Contemporary Art Concepts
- Zena Kirby
- Feb 20, 2018
- 3 min read
COLLABORATION, it means to work together. One goal cannot be accomplished without the assistance of others. I routinely use this word when I was teaching, this is something that not only did I insist occur in the classroom but outside of it as well. I feel it is extremely imperative for interdisciplinary learning to be a process in the high school students, because of this I collaborated repeatedly with the foreign language, history and science departments at my school to create an end of the year enormous art piece that was centralized in the hallway for the whole school to view. I felt it was vital for not only students that are not involved in art, involved in art, parents, administration and other teachers to see how collaboratively you can have different disciplines work together in creating art and the importance of art. Working together from all different areas of learning is imperative for not only educational purposes but also humankind. You must understand patience, others opinions and take their thoughts into consideration. However, not only do we collaborate in the educational world, we collaborate everyday with many people that you may come in contact with and not even know that this act is occurring. Since being on maternity leave from my occupation as an art educator, I collaborate with my children everyday. I teach them patience, understanding of one another’s feelings and how to work together as a team. Collaboration is also displayed in sporting teams, there is that old saying, “there is no “I” in team.” It’s true, everyone on a sporting team needs to look out for one another and play together collaboratively to make it work.
Another example of collaboration is displayed through, The Great Walls Unlimited: Neighborhood Pride Mural Program in Los Angeles. The program began in 1988 and has produced about 105 murals throughout L.A.’s communities. Not only was this a wonderful movement, but also it employed 95 various novice muralists from the whole country. Unfortunately due to budget cuts this program no longer exists, and the murals are no longer being created, however during the short time they were, it was an amazing journey and ending to the art that was executed. The murals still remain today and touch on political, visually appealing landscapes to historical figures. When I was looking further into the mural project and digesting how these muralists had no idea who each one of them were, they had to learn to work collaboratively together to allow this process of creating art work. It did for fifteen years, allowing Los Angeles to become an epicenter of collaborative art. Actor Pete Galindo quotes on the website, sparcinla.org, “People often decry Los Angeles’ lack of an official center, a heart that feeds the arteries that run throughout its neighborhoods, but it is this lack of center that creates the opportunity for democratic process that is multi-ethnic, multi-cultural, multi-lingual, multi-faith, multi-historical, in essence multi-centered. It is not that the City of Los Angeles lacks heart but that it has many hearts, beating simultaneously and inexhaustibly.” (Galindo, 2002)

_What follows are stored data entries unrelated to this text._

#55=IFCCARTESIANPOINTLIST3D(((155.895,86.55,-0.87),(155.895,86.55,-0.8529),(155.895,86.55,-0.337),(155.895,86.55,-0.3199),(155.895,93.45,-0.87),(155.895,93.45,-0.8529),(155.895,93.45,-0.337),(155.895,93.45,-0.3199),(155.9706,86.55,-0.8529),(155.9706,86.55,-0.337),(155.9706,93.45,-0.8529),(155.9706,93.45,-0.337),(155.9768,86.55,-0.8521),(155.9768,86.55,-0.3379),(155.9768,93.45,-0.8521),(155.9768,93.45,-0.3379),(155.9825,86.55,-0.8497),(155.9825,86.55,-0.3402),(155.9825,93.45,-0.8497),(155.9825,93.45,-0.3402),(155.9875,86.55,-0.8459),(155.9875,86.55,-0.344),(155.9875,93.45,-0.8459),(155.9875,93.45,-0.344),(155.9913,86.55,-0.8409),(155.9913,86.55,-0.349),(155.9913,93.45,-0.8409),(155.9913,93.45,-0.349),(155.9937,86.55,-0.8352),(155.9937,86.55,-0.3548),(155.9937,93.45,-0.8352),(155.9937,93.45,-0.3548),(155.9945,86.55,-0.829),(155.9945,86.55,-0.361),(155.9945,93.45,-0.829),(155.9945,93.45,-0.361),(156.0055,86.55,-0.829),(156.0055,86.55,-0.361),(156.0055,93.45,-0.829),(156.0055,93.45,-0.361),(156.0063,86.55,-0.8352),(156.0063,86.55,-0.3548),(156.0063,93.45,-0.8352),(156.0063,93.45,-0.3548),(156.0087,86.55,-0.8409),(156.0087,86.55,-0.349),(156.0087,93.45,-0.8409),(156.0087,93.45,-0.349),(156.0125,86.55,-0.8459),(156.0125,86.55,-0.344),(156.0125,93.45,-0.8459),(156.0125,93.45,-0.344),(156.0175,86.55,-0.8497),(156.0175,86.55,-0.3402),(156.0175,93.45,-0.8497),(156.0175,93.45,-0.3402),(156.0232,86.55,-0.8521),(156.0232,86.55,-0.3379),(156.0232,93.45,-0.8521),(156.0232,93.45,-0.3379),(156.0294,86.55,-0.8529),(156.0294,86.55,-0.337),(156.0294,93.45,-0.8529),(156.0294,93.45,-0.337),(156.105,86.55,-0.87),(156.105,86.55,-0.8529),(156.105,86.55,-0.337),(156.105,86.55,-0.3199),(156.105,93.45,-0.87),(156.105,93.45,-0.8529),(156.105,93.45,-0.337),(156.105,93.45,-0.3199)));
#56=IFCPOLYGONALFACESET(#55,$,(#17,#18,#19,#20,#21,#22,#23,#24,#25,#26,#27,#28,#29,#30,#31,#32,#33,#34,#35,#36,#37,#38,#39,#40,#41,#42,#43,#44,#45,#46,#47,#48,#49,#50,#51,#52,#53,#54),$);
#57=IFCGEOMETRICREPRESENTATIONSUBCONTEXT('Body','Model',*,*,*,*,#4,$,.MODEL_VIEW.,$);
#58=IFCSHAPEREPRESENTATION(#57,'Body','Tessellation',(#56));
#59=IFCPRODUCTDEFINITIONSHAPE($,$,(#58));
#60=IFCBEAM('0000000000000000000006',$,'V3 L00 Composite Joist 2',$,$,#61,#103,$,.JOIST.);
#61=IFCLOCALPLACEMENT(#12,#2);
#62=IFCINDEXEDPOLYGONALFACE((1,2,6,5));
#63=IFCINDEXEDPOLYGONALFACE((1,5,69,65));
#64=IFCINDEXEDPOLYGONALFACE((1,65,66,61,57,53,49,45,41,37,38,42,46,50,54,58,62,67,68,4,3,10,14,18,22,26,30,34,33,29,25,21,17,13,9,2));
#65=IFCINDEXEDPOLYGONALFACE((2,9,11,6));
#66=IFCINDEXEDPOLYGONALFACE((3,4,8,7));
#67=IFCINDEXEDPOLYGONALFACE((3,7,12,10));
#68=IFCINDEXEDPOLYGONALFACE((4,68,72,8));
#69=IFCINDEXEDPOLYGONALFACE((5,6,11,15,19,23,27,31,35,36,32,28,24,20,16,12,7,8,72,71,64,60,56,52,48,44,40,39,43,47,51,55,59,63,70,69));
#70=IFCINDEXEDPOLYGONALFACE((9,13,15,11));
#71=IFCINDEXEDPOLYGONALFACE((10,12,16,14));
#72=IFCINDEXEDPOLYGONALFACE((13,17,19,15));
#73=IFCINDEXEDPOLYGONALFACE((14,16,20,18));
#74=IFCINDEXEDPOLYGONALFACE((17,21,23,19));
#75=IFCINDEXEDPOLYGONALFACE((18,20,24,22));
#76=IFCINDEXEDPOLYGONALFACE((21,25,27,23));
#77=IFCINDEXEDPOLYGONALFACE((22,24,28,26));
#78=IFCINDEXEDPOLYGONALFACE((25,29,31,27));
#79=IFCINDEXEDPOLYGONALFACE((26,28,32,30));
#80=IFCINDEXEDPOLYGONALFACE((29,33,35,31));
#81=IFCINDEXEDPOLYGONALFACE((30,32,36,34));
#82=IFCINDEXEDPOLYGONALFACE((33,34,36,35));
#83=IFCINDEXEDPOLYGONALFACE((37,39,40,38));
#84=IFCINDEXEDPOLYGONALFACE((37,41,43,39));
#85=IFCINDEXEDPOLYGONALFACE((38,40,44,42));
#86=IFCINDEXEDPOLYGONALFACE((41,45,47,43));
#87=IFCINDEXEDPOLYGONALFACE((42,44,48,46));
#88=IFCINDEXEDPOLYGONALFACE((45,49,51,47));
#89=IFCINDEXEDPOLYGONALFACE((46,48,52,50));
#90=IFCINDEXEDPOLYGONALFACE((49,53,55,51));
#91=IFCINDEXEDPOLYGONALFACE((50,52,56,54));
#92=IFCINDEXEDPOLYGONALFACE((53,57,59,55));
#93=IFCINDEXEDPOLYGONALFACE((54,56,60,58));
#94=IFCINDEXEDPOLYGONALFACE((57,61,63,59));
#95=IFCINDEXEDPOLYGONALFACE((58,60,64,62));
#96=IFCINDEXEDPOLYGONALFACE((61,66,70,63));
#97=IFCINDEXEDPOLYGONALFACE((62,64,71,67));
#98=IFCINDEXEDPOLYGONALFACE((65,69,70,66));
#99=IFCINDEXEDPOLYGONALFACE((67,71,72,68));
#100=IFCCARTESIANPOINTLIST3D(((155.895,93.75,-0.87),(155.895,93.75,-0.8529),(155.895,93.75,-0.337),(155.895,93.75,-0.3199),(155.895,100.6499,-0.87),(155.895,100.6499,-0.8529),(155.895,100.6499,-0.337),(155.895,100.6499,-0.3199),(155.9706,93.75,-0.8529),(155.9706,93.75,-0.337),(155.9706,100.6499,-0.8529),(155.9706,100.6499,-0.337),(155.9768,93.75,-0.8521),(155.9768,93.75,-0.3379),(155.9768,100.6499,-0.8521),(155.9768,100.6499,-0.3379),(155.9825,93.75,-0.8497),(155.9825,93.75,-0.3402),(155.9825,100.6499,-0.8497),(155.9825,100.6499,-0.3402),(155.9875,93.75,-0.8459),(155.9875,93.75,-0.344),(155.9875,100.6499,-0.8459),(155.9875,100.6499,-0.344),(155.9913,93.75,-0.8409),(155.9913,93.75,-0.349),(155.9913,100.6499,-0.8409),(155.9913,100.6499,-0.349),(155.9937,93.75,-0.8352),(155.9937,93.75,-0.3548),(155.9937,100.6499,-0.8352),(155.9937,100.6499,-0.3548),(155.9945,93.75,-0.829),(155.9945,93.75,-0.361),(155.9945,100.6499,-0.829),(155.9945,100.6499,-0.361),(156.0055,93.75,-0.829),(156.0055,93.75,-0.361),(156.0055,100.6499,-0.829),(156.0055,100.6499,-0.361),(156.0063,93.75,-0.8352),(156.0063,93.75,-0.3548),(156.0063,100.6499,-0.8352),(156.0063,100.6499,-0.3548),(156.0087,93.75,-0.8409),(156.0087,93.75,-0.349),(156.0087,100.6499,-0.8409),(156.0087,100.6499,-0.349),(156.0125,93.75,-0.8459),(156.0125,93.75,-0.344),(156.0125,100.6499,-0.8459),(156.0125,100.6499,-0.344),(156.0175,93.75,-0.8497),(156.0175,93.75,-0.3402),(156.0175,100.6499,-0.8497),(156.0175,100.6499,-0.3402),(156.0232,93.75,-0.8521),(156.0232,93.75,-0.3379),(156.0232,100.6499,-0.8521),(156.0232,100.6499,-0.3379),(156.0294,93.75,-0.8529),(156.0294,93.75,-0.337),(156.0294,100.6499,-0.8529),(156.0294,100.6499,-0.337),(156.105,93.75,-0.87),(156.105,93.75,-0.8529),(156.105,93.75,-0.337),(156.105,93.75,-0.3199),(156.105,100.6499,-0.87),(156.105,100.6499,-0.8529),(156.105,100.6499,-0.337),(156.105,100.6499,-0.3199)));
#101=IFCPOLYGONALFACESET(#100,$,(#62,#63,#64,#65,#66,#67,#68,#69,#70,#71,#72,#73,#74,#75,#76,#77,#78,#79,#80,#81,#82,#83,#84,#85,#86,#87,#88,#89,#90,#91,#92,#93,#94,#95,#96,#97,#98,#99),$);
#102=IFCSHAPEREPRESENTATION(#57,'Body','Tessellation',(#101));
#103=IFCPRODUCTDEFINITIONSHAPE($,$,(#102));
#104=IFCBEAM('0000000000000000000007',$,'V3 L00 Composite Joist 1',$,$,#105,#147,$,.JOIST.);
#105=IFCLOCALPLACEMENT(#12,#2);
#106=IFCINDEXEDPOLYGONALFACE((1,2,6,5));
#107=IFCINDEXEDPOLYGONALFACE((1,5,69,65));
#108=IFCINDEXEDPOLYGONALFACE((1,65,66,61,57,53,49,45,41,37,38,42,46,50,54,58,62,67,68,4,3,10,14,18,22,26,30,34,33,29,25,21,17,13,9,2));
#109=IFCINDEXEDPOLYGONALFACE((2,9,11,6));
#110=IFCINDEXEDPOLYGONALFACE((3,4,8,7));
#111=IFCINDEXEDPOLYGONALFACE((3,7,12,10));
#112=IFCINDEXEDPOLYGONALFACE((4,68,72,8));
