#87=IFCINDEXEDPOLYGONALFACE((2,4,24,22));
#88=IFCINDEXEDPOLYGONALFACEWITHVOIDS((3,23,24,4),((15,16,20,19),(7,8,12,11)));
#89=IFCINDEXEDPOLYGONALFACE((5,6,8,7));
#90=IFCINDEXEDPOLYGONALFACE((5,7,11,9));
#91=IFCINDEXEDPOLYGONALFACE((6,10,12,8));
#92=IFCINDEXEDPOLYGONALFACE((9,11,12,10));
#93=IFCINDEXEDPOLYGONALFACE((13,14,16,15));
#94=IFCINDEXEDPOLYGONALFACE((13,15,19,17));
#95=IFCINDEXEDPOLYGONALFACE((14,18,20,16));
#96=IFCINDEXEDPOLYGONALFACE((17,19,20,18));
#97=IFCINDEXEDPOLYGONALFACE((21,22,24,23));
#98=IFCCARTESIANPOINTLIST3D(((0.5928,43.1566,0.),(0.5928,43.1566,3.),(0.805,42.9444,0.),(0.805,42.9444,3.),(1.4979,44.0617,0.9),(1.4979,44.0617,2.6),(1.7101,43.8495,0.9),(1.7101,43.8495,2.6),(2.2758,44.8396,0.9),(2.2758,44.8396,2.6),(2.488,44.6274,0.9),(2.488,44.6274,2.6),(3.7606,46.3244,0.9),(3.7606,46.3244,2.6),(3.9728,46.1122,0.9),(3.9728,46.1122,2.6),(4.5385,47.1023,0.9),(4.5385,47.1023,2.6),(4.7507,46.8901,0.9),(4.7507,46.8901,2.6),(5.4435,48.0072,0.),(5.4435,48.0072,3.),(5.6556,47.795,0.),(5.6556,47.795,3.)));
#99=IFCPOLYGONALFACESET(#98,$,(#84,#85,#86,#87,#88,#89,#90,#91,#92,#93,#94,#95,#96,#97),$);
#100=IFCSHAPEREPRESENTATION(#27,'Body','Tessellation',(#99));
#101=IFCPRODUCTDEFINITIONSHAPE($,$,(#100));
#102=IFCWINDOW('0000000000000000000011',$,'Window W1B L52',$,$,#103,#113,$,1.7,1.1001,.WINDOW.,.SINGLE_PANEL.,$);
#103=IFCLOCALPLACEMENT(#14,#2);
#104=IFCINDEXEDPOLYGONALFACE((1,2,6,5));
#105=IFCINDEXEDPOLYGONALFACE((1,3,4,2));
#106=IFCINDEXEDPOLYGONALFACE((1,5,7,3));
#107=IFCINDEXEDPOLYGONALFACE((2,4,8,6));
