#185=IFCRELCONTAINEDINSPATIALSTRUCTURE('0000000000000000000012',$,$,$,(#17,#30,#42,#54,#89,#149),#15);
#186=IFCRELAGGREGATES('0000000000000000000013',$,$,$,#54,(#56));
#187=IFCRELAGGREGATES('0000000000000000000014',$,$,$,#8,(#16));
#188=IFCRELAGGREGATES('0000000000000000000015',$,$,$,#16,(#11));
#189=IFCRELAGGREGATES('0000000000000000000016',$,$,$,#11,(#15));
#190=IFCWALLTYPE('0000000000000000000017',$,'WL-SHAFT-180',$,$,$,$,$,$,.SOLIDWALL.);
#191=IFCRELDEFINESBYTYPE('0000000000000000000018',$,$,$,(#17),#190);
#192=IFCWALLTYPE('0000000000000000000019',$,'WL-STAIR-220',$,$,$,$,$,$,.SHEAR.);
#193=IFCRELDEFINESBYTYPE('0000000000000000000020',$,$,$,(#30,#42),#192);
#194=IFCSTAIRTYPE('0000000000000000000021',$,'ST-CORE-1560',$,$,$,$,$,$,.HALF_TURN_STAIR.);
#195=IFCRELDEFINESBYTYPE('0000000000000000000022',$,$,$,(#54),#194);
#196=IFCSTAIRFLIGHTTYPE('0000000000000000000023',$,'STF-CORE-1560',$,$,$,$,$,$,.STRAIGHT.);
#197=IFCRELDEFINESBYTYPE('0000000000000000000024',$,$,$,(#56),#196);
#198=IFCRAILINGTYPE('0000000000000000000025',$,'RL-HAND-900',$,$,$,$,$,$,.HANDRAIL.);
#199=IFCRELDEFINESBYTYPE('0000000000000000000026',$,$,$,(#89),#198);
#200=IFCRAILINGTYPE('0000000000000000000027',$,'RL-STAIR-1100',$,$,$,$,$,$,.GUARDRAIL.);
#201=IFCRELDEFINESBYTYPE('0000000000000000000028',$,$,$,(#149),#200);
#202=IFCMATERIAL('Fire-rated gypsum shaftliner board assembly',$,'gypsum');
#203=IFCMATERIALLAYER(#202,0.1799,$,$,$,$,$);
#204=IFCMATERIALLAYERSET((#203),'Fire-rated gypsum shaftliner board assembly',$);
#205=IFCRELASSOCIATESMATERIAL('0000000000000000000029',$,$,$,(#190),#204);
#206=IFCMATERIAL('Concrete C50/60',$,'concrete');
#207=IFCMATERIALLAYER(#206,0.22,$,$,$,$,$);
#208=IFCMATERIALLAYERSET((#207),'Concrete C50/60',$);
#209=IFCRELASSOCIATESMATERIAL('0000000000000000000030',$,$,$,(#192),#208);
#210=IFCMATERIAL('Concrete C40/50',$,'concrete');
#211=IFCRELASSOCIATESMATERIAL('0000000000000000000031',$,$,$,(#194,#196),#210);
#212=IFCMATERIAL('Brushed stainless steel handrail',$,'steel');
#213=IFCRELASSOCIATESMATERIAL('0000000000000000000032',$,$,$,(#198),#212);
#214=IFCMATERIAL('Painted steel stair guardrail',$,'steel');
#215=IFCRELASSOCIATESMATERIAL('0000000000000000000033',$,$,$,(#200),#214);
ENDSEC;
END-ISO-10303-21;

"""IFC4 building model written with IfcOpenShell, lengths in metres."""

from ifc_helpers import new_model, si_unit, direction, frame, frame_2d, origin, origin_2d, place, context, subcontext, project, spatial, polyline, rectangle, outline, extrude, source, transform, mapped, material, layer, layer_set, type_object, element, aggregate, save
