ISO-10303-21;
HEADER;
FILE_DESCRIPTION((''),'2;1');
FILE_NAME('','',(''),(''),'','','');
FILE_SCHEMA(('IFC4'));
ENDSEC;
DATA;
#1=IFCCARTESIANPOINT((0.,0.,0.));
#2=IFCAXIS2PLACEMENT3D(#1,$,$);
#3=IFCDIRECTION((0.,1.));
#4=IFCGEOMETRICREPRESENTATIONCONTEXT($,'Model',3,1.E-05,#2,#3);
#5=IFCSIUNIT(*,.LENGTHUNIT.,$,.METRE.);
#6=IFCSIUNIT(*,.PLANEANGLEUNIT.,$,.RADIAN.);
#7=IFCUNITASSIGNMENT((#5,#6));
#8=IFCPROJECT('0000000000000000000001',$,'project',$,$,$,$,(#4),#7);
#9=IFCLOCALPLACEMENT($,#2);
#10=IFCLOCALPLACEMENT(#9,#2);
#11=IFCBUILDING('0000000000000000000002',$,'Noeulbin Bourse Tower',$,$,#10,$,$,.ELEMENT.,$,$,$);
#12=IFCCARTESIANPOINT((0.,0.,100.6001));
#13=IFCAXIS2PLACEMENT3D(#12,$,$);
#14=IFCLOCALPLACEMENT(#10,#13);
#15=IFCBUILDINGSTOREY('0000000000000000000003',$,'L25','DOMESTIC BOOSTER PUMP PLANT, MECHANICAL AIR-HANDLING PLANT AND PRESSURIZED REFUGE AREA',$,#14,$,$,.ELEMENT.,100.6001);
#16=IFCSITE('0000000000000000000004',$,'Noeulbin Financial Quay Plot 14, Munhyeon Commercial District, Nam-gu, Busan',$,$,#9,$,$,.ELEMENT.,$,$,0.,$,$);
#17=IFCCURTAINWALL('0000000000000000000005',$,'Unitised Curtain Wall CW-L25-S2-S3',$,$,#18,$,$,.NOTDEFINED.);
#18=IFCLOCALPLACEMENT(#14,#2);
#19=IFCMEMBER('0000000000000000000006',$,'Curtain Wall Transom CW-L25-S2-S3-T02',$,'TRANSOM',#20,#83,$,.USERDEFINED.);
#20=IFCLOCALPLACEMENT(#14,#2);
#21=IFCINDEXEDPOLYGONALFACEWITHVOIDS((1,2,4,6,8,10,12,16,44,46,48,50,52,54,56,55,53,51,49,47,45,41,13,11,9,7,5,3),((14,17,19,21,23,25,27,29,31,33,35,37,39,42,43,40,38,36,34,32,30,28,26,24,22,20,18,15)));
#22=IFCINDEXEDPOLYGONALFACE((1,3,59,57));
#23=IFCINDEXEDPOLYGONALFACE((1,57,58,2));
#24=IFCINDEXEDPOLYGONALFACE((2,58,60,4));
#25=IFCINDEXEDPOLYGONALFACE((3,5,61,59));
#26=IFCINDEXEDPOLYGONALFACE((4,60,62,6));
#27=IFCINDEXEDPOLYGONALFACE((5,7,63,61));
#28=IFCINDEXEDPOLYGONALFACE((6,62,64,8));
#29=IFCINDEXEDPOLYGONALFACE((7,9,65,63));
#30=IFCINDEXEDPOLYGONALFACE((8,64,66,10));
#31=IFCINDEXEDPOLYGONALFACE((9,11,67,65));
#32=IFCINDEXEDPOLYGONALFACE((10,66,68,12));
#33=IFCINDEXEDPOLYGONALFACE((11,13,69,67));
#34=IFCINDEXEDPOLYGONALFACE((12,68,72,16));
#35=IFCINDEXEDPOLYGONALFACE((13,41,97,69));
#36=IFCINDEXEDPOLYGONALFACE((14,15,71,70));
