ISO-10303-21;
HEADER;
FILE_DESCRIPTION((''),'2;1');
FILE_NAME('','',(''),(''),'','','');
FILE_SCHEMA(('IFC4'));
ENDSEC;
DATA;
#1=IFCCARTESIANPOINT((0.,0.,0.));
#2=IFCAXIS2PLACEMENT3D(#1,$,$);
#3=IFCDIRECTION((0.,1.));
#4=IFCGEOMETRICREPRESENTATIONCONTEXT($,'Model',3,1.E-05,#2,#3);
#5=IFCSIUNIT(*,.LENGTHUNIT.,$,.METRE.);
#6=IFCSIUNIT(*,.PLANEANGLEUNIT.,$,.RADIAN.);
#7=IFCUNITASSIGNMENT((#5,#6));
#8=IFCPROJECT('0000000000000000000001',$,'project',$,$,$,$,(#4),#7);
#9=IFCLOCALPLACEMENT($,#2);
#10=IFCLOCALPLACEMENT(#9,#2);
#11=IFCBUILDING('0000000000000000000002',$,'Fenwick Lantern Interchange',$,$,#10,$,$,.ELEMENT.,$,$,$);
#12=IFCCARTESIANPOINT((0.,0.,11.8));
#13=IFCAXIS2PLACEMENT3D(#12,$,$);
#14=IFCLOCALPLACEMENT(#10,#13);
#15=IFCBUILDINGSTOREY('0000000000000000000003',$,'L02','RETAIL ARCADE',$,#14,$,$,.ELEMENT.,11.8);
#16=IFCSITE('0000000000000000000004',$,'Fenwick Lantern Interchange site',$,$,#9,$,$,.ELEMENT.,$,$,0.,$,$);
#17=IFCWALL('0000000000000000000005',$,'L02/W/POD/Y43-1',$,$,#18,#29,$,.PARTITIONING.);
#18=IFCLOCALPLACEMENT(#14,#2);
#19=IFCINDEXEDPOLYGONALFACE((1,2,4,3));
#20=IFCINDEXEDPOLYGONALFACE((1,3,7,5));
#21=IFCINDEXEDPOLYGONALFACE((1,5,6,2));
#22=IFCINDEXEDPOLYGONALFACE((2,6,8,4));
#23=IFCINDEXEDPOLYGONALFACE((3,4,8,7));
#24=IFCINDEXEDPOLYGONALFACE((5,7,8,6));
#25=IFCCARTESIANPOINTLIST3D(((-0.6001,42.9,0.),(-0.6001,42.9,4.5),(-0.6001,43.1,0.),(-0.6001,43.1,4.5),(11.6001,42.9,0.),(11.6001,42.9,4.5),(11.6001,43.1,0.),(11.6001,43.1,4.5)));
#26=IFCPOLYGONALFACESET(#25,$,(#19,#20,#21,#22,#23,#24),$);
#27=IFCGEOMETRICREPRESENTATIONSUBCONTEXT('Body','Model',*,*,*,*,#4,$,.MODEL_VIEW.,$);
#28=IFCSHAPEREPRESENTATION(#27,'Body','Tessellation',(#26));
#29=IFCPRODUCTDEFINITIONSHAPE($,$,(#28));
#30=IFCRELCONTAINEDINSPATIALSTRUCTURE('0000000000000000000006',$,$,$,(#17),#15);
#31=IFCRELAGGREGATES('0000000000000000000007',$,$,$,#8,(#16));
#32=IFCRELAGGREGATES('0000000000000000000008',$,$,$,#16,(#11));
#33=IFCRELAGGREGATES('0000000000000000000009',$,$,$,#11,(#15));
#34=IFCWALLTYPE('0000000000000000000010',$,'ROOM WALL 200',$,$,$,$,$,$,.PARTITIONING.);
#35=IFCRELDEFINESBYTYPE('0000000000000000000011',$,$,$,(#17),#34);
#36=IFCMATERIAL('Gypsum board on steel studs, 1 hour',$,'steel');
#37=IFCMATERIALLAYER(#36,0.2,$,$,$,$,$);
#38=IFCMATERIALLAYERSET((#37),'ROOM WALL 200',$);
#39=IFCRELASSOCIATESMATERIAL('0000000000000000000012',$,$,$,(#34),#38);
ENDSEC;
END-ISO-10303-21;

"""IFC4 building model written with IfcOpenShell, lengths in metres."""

from ifc_helpers import new_model, si_unit, direction, frame, frame_2d, origin, place, context, subcontext, project, spatial, rectangle, extrude, material, layer, layer_set, type_object, element, save


model = new_model("IFC4")

# Units and contexts
model_context = context("Model", 3, precision=1e-05, world=origin(), true_north=direction((0.0, 1.0)))
body_context = subcontext(model_context, "Body", "Model", "MODEL_VIEW")
ifc_project = project(units=[si_unit("LENGTHUNIT", "METRE"), si_unit("PLANEANGLEUNIT", "RADIAN")], contexts=[model_context])

# Site, building, storey
site_placement = place(None, origin())
site = spatial("IfcSite", under=ifc_project, at=site_placement, Name="Fenwick Lantern Interchange site", CompositionType="ELEMENT", RefElevation=0.0)
building_placement = place(site_placement, origin())
building = spatial("IfcBuilding", under=site, at=building_placement, Name="Fenwick Lantern Interchange", CompositionType="ELEMENT")
storey_placement = place(building_placement, frame((0.0, 0.0, 11.8)))
storey = spatial("IfcBuildingStorey", under=building, at=storey_placement, Name="L02", Description="RETAIL ARCADE", CompositionType="ELEMENT", Elevation=11.8)

# Wall
ifc_material_1 = material(Name="Gypsum board on steel studs, 1 hour", Category="steel")
ifc_layer = layer(ifc_material_1, 0.2)
ifc_layer_set = layer_set([ifc_layer], Name="ROOM WALL 200")
wall_type = type_object("IfcWallType", Name="ROOM WALL 200", PredefinedType="PARTITIONING", material=ifc_layer_set)
wall_placement = place(storey_placement, frame((-0.6001, 43.0, 0.0), z_axis=(0.0, 0.0, 1.0), x_axis=(1.0, 0.0, 0.0)))
element("IfcWall", 1, at=wall_placement, inside=storey, type_object=wall_type, Name="L02/W/POD/Y43-1", PredefinedType="PARTITIONING", context=body_context, shape_type="SweptSolid", body=[
    extrude(rectangle(XDim=12.2002, YDim=0.2, at=frame_2d((6.1001, 0.0))), origin(), (0.0, 0.0, 1.0), 4.5),
])

save(model, "model.ifc")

The mixture between public pedagogy and contemporary art leads me to one of my most favorite feminist artists of the current 21st century art, Cindy Sherman. Publically in galleries she exhibits photography as her choice of medium and the subjectivity of her artwork autobiographical. She conveys through her images what societies perception of women is, Sherman attire plays an enormous portion of the art. The wardrobe allows the viewer to know what stereotype she is portraying though that photograph. I have always found her to be very interesting, simply because of the label that I came to realize at an early age of what men and society in general think women ought to be, how they should act and their roles. The culture in which we live allows Cindy to produce the art subjects that she is consistently recreating through the lens of the camera. Cindy Sherman is still active today and continuing to make art in the ways she did back in the 1970’s, 80’s and 90’s. Women’s voices are heard more today than when she first started this journey, without anything being said through her work vocally, so much is said visually.